Semantic Technology Conference | May 20-24, 2007
  Halaschek-Wiener Christian      

Expressive Syndication on the Web using Semantic Web Technologies: Applications and Experiences in the Financial News Domain

Christian Halaschek-Wiener
Research Scientist
The University of Maryland


 

Tuesday, 5/22/2007
2:00 PM - 3:00 PM
Level: Technical - Intermediate

Syndication on the Web has attracted a great amount of attention in recent years (e.g., RSS). As technologies have emerged, there has been a transition to more expressive syndication approaches; that is subscribers and publishers are provided more expressive means for describing their interests and published content, enabling more accurate dissemination. However, today’s state of the art syndication approaches still provide relatively weak expressive power from a modeling perspective (i.e., XML and RDF are inexpressive languages) and provide very little automated reasoning support. In this talk, we discuss an expressive approach for content syndication on the Web, using semantic technologies. Specifically, we present an syndication framework based on the Web Ontology Language that provides many advantages, including a rich semantics-based mechanism for expressing subscriptions and published content (allowing finer control for filtering) and automated reasoning for discovering subscription matches not possible using traditional syntactic syndication approaches. Additionally, we discuss the application of such a syndication system in the financial news domain. This illustrates the advantages and experiences of using semantic technologies for content syndication. Further, this demonstrates the practicality of such a system through empirical evaluations on a financial news dataset.

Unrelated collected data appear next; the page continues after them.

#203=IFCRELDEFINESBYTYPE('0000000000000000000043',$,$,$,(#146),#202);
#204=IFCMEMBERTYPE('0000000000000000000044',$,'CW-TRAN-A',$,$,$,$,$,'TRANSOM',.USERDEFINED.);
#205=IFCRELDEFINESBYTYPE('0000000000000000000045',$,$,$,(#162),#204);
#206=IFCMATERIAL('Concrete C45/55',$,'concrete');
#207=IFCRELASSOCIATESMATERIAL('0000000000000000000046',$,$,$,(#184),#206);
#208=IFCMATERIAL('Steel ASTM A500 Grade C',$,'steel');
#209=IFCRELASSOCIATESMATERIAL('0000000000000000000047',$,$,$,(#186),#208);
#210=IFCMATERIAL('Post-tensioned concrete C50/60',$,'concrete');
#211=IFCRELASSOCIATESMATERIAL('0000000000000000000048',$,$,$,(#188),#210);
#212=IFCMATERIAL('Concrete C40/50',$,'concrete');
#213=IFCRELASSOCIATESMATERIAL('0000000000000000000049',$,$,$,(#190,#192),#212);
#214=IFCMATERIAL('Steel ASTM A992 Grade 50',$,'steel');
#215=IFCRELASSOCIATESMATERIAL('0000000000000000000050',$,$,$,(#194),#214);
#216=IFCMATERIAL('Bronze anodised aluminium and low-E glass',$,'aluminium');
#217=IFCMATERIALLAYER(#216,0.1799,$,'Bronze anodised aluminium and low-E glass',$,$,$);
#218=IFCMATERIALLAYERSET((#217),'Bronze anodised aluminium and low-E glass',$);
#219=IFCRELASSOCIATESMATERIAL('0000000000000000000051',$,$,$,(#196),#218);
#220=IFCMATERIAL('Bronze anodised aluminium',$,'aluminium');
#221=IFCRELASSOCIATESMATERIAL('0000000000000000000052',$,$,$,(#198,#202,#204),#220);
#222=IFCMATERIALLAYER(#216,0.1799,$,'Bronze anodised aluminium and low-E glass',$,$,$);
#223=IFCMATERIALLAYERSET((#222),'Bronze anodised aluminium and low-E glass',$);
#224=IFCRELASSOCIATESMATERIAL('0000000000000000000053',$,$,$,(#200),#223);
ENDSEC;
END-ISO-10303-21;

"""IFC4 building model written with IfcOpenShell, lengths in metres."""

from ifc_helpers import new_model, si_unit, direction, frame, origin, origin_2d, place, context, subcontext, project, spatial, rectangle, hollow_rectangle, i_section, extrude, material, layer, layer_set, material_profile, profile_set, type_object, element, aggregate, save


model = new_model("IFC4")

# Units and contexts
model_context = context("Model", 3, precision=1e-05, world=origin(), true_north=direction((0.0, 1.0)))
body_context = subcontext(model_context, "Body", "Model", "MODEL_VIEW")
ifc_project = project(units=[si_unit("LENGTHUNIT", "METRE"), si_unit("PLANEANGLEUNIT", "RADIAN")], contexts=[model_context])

Christian Halaschek-Wiener is a Ph.D. candidate at the University of Maryland working under Dr. Jim Hendler. His current research interests include expressive content syndication on the Web. More specifically, he is interested in using Web ontologies to represent published content on the Web, enabling finer grained filtering of information through automated reasoning. He is additionally working on incremental reasoning techniques, making such a framework usable in practice. Christian is particularly interested in applying these technologies to the financial domain, allowing the integration of qualitative information into quantitative financial models. Previously, Christian received a Masters degree in Computer Science from the University of Georgia.